Today in Christian History

April 2

April 2, 742: Charlemagne (Charles the Great) is born. When Pope Leo III crowned him "Emperor of the Romans" on Christmas Day, 800, Charlemagne announced, "Our task [as secular ruler] is externally, with God's help, to defend with our arms the holy Church of Christ against attacks by the heathen from any side and against devastation by the infidels and, internally, to strengthen the Church by the recognition of the Catholic faith." Indeed, within his kingdom he was far more influential in church affairs than the pope. Charles appointed and deposed bishops, directed a revision of the text of the Bible, instituted changes to the liturgy, set rules for life in the monasteries, and sent investigators to dismiss priests with insufficient learning or piety.

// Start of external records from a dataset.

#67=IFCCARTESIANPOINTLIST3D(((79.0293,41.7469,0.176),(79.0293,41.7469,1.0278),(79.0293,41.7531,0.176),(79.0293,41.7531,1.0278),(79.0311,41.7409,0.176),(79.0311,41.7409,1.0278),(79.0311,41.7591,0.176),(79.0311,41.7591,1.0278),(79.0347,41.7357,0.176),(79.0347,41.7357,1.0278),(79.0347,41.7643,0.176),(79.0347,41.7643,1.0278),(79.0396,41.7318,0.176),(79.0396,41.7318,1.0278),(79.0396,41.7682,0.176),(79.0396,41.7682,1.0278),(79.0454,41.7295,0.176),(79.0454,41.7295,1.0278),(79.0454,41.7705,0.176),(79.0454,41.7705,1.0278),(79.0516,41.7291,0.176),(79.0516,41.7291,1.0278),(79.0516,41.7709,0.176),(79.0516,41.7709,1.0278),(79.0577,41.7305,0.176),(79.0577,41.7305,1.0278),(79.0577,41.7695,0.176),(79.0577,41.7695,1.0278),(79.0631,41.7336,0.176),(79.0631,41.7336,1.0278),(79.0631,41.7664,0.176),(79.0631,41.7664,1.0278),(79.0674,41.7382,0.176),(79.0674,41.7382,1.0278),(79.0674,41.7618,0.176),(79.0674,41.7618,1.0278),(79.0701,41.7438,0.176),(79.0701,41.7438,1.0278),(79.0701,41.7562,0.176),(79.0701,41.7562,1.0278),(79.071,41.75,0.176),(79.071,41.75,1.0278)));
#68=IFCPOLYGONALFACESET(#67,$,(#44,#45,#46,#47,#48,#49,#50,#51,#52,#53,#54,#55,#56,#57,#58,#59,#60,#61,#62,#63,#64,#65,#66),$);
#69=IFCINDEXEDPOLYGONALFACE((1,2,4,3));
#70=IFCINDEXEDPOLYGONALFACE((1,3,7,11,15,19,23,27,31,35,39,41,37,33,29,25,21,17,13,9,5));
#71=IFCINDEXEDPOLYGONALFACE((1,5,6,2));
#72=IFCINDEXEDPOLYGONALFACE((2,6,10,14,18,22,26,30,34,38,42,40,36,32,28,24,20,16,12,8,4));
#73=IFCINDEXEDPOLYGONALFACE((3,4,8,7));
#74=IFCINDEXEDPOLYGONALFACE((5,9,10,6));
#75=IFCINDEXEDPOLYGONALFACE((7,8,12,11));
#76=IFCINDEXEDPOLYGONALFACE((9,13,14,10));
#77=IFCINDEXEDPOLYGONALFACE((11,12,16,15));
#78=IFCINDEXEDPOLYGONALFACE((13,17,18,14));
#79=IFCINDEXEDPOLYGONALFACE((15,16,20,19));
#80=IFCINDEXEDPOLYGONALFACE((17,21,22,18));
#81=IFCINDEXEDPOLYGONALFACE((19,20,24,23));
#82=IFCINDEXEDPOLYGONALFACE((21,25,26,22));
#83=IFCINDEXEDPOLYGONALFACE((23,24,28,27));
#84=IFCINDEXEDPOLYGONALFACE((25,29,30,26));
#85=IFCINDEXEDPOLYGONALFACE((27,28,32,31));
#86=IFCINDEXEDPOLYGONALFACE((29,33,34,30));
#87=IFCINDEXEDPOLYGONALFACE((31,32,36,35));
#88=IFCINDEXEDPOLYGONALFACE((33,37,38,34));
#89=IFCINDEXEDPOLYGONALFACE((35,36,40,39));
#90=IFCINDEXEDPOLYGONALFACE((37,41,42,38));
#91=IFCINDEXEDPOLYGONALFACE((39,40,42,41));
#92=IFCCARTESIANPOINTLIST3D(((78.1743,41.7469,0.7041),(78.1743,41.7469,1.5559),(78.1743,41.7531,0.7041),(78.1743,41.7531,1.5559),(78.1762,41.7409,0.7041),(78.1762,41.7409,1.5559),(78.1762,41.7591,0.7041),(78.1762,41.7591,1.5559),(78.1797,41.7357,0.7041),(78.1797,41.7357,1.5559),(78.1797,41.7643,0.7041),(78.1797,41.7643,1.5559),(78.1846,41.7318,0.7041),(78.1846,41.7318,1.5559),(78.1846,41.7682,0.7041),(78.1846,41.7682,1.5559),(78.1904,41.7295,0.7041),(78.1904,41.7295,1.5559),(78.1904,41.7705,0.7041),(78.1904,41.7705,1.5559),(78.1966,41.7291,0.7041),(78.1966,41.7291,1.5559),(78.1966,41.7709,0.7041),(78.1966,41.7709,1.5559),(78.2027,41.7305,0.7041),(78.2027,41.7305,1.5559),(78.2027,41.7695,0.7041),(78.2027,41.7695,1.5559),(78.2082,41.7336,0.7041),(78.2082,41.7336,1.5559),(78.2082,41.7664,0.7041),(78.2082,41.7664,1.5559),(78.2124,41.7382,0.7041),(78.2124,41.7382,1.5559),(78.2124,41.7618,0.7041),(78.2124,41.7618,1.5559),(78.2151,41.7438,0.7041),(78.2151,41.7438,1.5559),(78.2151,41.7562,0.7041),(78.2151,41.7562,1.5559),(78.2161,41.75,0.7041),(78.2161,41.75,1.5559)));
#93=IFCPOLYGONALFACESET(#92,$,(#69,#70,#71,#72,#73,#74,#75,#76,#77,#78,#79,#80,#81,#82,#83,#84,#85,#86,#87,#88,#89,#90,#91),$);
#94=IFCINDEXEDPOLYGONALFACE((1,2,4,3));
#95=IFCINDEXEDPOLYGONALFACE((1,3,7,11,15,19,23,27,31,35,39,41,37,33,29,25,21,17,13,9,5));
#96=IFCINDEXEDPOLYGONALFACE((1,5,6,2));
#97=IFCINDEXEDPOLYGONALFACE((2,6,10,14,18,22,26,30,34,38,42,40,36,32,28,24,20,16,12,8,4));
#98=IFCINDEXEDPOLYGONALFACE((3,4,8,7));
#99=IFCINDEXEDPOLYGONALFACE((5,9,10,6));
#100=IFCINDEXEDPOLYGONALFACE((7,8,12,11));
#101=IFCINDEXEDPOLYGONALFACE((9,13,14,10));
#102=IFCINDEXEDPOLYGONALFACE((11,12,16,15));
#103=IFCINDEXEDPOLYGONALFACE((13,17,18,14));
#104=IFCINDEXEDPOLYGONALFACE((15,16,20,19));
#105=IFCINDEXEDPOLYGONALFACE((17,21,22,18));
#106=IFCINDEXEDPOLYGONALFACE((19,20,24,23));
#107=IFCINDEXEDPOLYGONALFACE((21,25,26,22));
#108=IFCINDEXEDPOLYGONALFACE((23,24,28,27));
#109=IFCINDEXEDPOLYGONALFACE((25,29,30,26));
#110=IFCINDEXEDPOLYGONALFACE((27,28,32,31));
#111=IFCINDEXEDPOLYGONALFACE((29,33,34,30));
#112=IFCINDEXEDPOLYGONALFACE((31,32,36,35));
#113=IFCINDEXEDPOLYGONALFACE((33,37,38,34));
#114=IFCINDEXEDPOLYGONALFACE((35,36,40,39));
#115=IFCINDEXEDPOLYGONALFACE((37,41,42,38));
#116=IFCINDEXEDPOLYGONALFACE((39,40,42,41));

April 2, 1877: Fundamentalist Baptist evangelist Mordecai Ham is born in Allen County, Kentucky. At the end of his ministry, he claimed one million converts—including Billy Graham, who made a declaration of faith at a 1934 Ham meeting in Charlotte, North Carolina (see issue 65: The Ten Most Influential Christians of the Twentieth Century).

April 2, 1914: Three hundred Pentecostals meet at the Grand Opera House in Hot Springs, Arkansas, for a ten-day conference. Though originally intended merely to organize annual conferences, by its close, the conference had birthed the Assemblies of God, Pentecostalism's largest denomination (see issue 58: Pentecostalism).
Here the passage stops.